Nicole Matos
Pencil frozen halfway to my mouth, thirty workbooks rustling, she twisted the knob of your elbow, unfurled you in that awkward threshold space, and left, without even a gesture to an empty seat.
There never was an empty seat. Hector and that big kid, the one we called Gigamesh, were squeezed in at the radiator, and we laid our work on the windowsills, crusting the room’s edges, when it wasn’t too hot or too cold.
I was the one to make room, to claim you. I wheeled and wheeled my hand.
Everyone watched. No hatred, there was no way to tell you there was nothing to fear, just the loose momentary engrossment of something new.
You were white, or at least mostly white. Your hair was long, plain, it split in locks in the front, but the back seemed felted, some sort of fuzzed semi-solid, laying all as one piece. Pointillist, your dirt, the dandruff that sifted, the freckles.
Everything in that classroom happened in pantomime. Nothing would be questioned, as long as there was quiet, solemn and total, and some denomination of worksheets at the end of our mutual time.

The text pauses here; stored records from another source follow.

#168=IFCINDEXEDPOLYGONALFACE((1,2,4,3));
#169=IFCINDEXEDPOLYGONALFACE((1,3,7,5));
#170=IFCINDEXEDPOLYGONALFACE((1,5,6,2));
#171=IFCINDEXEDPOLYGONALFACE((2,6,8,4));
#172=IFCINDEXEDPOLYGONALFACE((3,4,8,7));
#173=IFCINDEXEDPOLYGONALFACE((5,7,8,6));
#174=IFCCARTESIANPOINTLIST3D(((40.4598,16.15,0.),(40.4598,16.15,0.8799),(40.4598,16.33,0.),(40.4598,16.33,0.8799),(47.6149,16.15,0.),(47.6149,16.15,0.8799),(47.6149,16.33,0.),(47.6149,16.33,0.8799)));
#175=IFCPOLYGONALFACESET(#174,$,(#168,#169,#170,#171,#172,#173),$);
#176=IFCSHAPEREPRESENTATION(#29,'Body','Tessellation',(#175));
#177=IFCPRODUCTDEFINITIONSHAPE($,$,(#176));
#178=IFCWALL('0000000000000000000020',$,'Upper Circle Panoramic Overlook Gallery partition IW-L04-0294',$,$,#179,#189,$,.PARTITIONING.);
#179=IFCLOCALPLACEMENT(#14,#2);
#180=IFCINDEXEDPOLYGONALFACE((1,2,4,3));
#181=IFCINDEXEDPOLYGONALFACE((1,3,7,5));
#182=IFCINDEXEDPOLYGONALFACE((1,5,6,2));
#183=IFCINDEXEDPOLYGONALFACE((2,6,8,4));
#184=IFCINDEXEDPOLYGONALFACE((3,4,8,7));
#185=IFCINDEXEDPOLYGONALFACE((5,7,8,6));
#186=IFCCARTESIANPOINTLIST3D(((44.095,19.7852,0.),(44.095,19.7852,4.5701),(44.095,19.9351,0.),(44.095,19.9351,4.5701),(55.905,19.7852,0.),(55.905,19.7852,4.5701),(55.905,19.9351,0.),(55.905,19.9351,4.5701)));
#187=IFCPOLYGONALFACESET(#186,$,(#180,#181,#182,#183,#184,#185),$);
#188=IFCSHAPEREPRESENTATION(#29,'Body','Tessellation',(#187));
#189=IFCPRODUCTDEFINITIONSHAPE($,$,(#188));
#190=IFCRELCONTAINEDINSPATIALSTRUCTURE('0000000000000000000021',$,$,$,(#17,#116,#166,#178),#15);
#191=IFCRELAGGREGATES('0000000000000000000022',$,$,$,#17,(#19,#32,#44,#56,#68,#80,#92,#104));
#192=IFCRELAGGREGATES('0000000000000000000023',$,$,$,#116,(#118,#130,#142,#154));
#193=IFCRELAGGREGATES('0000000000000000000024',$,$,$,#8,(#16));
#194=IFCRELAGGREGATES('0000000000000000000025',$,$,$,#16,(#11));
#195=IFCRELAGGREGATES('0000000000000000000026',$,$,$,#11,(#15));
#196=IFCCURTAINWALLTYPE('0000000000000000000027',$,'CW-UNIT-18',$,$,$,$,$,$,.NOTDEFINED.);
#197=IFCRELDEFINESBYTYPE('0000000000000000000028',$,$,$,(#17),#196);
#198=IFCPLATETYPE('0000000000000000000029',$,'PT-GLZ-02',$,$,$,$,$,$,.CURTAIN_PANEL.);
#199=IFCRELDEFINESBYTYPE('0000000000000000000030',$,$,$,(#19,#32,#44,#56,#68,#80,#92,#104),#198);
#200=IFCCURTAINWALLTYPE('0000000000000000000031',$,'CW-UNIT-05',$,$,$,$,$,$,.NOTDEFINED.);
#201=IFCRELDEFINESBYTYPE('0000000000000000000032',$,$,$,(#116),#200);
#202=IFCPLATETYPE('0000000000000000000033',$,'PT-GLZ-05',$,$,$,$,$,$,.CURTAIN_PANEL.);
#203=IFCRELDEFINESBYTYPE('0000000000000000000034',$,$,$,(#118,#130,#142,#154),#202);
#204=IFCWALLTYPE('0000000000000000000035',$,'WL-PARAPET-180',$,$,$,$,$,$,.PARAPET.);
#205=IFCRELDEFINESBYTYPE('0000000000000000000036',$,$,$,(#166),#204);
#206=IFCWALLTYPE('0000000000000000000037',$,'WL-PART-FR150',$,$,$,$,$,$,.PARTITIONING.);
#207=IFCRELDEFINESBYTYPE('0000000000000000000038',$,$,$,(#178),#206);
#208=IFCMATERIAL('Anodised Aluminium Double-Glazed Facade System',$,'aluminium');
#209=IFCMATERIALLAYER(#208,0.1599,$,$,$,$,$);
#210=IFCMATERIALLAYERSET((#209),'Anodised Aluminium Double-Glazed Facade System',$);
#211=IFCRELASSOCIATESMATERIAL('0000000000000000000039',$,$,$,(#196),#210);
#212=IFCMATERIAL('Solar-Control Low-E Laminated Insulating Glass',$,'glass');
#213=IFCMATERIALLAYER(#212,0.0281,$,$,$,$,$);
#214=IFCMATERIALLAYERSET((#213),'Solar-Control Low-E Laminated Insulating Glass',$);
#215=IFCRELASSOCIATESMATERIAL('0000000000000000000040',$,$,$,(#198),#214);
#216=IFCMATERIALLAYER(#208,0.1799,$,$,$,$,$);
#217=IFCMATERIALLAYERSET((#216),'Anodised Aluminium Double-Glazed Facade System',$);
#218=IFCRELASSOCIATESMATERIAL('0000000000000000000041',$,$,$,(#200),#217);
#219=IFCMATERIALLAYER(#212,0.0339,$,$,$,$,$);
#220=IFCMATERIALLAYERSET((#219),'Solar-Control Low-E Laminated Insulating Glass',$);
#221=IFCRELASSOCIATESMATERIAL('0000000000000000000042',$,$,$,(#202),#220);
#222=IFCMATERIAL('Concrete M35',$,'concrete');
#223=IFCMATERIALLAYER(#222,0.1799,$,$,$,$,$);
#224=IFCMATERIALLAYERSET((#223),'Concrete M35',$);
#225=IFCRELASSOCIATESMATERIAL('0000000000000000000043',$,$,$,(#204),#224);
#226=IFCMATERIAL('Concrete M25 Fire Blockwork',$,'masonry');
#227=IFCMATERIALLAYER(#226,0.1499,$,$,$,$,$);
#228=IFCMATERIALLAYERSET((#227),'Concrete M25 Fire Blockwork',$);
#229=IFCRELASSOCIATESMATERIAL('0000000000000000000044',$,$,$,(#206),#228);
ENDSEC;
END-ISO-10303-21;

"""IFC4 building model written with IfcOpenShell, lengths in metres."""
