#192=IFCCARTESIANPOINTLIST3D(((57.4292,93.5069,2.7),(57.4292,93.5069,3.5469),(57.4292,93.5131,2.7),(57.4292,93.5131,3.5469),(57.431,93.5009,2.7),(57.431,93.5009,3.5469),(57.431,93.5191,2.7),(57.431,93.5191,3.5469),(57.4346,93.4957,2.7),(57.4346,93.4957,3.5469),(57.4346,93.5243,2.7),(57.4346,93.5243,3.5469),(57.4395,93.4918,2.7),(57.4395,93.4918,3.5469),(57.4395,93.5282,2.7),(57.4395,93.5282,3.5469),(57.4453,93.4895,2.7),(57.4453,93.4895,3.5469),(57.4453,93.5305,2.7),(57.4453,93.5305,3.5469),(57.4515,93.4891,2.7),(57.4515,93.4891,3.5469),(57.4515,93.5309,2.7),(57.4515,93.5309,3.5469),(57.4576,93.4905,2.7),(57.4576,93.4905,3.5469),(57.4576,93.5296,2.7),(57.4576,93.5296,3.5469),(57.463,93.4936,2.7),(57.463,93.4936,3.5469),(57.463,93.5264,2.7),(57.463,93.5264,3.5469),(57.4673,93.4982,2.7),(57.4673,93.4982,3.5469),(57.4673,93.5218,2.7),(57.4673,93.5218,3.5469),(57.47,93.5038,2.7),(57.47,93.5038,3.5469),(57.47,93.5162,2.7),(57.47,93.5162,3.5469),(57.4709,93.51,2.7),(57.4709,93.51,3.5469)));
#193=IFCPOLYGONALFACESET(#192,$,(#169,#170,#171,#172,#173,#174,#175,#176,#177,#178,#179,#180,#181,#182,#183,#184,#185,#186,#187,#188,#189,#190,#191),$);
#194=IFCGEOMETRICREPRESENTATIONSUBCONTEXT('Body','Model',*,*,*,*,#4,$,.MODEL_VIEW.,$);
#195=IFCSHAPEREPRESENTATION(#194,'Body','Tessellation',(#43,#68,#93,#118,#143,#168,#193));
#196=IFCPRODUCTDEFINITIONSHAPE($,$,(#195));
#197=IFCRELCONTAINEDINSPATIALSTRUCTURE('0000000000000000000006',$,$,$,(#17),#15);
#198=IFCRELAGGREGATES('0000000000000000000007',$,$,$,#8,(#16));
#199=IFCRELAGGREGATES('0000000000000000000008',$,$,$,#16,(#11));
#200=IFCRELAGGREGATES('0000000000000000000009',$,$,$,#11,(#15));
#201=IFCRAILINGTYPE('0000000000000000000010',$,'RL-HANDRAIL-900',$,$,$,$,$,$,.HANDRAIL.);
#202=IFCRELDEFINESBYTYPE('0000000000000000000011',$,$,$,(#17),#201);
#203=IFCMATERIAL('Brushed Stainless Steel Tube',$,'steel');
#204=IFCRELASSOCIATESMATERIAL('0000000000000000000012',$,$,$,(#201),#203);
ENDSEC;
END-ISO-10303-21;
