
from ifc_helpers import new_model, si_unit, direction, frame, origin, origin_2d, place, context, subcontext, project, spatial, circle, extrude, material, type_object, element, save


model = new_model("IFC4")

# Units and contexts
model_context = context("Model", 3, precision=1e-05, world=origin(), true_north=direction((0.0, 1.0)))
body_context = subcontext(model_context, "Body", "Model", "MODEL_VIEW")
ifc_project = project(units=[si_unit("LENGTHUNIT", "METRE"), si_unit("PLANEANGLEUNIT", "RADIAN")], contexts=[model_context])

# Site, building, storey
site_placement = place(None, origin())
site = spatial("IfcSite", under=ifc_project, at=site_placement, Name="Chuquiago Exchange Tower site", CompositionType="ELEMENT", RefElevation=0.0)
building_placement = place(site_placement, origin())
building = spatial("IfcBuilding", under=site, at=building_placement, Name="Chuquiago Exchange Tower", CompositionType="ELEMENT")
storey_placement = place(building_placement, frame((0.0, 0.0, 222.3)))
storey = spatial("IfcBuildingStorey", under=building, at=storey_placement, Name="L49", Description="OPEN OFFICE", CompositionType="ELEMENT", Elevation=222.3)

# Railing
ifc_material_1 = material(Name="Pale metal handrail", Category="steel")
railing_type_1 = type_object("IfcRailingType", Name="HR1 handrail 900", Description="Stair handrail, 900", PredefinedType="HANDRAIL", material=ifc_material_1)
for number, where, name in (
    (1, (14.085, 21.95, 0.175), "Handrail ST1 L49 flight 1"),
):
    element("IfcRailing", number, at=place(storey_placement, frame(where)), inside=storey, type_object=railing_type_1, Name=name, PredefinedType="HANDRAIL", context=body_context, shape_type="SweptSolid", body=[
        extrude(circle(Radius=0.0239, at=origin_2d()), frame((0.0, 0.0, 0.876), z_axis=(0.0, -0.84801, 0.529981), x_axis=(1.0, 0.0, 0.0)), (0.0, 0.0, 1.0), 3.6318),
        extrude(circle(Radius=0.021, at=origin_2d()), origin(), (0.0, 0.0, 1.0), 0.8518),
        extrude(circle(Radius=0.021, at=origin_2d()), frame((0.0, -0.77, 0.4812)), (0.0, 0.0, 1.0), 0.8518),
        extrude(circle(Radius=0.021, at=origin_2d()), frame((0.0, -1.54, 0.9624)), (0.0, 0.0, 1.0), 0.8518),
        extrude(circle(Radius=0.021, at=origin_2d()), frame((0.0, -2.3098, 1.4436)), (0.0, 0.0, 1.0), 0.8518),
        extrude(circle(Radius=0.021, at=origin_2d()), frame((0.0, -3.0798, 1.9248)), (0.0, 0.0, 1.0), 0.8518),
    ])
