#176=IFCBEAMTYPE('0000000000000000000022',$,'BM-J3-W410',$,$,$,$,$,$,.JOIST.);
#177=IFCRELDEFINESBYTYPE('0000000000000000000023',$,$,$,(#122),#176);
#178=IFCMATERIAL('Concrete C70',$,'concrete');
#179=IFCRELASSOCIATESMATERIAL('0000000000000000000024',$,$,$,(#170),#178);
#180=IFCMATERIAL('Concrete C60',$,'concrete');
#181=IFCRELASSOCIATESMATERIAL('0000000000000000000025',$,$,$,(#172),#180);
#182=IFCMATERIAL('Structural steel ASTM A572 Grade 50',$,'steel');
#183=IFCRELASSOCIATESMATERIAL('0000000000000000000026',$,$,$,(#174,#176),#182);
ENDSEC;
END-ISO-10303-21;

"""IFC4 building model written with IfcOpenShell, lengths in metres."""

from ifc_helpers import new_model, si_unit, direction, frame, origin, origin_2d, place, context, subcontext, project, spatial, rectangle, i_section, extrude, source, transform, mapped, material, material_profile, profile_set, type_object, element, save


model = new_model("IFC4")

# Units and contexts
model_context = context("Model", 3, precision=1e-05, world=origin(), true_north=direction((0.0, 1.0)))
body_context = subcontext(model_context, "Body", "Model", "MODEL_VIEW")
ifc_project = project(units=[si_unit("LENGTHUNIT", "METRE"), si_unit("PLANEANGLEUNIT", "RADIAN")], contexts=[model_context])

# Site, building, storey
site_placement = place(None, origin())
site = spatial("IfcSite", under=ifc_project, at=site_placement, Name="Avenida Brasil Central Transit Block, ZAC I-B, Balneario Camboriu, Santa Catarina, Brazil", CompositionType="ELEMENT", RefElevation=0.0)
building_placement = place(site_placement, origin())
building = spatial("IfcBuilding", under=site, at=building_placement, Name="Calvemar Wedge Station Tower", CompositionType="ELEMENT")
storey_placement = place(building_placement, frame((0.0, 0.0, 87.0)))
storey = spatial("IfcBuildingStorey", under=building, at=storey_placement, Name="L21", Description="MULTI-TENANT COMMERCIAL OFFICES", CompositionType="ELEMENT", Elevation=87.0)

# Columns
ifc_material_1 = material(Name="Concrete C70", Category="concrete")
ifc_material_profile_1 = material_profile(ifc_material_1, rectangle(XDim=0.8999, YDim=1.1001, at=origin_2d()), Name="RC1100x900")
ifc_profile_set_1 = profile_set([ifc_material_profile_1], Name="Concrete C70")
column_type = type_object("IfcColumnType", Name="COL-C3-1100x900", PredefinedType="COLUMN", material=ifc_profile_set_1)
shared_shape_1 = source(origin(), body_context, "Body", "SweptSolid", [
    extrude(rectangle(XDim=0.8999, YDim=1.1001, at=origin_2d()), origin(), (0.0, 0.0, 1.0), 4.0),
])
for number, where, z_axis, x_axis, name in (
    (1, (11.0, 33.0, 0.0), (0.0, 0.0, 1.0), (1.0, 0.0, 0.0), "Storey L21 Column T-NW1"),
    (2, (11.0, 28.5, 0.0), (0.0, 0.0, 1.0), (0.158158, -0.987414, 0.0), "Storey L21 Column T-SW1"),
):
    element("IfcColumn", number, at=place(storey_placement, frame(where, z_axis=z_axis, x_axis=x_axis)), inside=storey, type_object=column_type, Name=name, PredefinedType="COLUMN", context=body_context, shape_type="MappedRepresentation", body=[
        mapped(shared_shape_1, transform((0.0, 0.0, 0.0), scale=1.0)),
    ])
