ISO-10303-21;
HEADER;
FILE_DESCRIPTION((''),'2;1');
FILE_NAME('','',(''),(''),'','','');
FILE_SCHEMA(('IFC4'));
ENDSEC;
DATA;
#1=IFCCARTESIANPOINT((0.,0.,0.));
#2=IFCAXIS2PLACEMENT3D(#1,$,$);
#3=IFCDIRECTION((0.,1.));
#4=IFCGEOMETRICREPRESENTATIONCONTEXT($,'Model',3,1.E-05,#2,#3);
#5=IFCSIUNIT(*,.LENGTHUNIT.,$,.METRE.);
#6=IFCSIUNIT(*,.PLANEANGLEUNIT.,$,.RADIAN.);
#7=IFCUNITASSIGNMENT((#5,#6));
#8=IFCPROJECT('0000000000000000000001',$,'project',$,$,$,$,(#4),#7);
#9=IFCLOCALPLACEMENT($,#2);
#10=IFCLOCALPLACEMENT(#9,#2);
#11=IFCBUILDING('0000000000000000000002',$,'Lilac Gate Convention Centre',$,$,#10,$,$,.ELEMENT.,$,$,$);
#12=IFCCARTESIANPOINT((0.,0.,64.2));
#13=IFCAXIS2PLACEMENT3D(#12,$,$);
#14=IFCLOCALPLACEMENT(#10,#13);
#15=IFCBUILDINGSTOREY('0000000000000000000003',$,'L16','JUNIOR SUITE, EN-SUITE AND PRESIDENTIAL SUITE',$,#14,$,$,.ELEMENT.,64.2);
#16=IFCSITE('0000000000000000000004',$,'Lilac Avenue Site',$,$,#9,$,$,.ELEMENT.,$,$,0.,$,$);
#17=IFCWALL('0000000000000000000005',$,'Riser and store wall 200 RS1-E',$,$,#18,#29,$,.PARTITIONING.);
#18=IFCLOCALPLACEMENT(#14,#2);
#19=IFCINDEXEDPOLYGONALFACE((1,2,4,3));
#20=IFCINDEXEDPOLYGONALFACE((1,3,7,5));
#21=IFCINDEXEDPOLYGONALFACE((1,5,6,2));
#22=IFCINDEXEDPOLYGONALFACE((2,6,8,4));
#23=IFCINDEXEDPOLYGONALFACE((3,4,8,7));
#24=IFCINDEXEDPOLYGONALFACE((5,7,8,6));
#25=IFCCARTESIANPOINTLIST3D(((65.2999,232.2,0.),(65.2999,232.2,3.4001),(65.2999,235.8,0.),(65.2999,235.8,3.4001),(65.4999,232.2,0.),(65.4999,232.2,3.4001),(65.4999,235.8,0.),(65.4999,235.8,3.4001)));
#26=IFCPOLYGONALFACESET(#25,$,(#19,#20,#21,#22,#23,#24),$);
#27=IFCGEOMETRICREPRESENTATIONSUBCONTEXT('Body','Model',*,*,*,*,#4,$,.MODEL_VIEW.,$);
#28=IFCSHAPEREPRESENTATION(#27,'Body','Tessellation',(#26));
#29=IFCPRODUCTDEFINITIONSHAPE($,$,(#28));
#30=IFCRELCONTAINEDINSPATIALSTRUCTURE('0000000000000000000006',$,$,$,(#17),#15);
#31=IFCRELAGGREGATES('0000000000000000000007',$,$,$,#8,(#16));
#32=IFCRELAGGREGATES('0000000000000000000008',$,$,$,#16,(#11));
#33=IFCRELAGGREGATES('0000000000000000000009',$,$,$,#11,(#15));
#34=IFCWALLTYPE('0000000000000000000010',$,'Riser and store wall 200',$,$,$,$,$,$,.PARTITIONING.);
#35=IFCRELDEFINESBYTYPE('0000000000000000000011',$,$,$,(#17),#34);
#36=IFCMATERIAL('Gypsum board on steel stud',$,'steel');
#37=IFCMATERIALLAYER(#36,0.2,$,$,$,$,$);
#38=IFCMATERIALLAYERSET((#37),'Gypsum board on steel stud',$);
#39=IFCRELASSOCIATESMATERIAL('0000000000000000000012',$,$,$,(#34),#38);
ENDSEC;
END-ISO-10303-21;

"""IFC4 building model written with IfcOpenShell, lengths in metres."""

from ifc_helpers import new_model, si_unit, direction, frame, frame_2d, origin, place, context, subcontext, project, spatial, rectangle, extrude, material, layer, layer_set, type_object, element, save


model = new_model("IFC4")

# Units and contexts
model_context = context("Model", 3, precision=1e-05, world=origin(), true_north=direction((0.0, 1.0)))
body_context = subcontext(model_context, "Body", "Model", "MODEL_VIEW")
ifc_project = project(units=[si_unit("LENGTHUNIT", "METRE"), si_unit("PLANEANGLEUNIT", "RADIAN")], contexts=[model_context])

# Site, building, storey
site_placement = place(None, origin())
site = spatial("IfcSite", under=ifc_project, at=site_placement, Name="Lilac Avenue Site", CompositionType="ELEMENT", RefElevation=0.0)
building_placement = place(site_placement, origin())
building = spatial("IfcBuilding", under=site, at=building_placement, Name="Lilac Gate Convention Centre", CompositionType="ELEMENT")
storey_placement = place(building_placement, frame((0.0, 0.0, 64.2)))
storey = spatial("IfcBuildingStorey", under=building, at=storey_placement, Name="L16", Description="JUNIOR SUITE, EN-SUITE AND PRESIDENTIAL SUITE", CompositionType="ELEMENT", Elevation=64.2)

# Shared definitions
ifc_material_1 = material(Name="Gypsum board on steel stud", Category="steel")
ifc_layer_1 = layer(ifc_material_1, 0.2)
ifc_layer_set_1 = layer_set([ifc_layer_1], Name="Gypsum board on steel stud")
wall_type_1 = type_object("IfcWallType", Name="Riser and store wall 200", PredefinedType="PARTITIONING", material=ifc_layer_set_1)

# Wall
wall_1_placement = place(storey_placement, frame((65.3999, 232.2, 0.0), z_axis=(0.0, 0.0, 1.0), x_axis=(0.0, 1.0, 0.0)))
element("IfcWall", 1, at=wall_1_placement, inside=storey, type_object=wall_type_1, Name="Riser and store wall 200 RS1-E", PredefinedType="PARTITIONING", context=body_context, shape_type="SweptSolid", body=[
    extrude(rectangle(XDim=3.6001, YDim=0.2, at=frame_2d((1.8, 0.0))), origin(), (0.0, 0.0, 1.0), 3.4001),
])

save(model, "model.ifc")
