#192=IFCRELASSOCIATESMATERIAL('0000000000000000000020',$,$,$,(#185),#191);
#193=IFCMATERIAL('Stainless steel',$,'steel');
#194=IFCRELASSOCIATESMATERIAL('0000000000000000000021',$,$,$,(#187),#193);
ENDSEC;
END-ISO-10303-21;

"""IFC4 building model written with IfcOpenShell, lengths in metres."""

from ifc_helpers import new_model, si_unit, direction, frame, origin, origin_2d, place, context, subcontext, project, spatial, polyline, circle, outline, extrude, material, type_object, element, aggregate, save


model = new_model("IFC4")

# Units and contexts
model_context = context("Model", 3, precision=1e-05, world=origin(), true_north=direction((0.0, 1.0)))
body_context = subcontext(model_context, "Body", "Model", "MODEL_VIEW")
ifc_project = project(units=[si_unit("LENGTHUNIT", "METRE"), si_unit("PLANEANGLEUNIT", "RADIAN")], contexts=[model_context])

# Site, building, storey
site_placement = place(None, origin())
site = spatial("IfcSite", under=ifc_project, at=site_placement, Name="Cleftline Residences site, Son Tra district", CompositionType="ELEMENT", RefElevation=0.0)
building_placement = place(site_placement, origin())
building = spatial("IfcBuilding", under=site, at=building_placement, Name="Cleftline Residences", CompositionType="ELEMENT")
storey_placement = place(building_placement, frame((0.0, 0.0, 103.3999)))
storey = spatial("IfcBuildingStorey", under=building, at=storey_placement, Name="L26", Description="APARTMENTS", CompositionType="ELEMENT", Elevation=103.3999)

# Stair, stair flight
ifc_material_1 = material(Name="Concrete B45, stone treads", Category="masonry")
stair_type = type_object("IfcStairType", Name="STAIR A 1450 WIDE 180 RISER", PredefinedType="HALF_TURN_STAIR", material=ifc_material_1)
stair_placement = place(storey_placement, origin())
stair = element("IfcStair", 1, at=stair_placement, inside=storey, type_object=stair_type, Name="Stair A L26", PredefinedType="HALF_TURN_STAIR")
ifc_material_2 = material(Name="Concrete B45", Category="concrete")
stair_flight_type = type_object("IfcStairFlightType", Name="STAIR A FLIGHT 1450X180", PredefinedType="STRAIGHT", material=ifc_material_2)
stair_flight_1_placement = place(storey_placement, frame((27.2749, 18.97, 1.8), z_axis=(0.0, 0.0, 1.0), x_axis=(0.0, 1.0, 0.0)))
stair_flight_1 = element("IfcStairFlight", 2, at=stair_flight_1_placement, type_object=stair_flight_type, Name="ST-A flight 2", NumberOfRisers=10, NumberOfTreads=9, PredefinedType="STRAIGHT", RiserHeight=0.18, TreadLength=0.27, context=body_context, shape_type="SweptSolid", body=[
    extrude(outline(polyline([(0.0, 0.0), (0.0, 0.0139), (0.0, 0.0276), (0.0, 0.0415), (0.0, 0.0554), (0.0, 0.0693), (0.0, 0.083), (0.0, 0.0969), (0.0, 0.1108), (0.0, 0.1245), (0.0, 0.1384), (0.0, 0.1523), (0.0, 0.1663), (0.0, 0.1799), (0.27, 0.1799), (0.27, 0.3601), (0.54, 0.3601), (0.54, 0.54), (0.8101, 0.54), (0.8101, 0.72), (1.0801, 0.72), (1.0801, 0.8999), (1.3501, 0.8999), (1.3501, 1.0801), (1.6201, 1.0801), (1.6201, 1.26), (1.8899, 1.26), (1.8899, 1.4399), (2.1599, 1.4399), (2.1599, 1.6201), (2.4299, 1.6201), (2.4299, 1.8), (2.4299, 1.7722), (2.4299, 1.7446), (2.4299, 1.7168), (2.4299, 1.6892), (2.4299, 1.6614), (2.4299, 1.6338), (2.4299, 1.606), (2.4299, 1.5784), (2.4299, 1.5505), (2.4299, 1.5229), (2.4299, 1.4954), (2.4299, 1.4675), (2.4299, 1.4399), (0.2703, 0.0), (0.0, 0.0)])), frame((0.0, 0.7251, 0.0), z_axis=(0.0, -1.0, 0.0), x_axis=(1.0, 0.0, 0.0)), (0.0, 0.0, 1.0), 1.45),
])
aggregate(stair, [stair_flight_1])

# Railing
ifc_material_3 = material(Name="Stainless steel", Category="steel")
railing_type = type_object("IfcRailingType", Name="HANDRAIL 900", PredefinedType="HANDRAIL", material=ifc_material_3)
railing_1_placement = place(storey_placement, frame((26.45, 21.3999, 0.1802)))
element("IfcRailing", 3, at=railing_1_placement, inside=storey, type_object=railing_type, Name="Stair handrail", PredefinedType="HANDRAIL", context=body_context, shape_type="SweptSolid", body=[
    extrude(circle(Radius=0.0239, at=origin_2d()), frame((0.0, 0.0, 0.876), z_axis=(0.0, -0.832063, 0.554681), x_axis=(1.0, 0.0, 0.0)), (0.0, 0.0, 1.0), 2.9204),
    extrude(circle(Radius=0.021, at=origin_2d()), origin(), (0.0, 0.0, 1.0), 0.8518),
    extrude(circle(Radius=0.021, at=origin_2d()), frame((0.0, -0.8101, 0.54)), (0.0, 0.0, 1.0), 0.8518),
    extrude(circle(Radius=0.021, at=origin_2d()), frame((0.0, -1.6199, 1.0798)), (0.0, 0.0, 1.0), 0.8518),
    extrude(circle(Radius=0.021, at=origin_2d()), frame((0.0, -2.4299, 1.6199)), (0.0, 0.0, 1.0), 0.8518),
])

I stood up, backed up some steps, and made the grandest motion I could. My seat, take it, pointing, pointing. You reacted at last, you had no choice. You walked your steps and sat down.
And startled by my own magnificence, I looked around and, not seeing a solution, sat down at your feet on the floor, cross-legged, too.
They laughed at me when I did it—only a little, a quick raining patter—and only at me, my love, not ever at you.
Nicole Matos is a Chicago-based writer, professor, and roller derby girl. Her credits include Salon, The Classical, The Rumpus, theNewerYork, THE2NDHAND, Vine Leaves, Chicago Literati, berfrois, Oblong, neutrons protons, and others. You can catch her blogging for Medium, publishing tappable stories on Tapestry, and competing as Nicomatose #D0A with the Chicago Outfit Roller Derby, too. Follow her on Twitter at @nicole_matos2.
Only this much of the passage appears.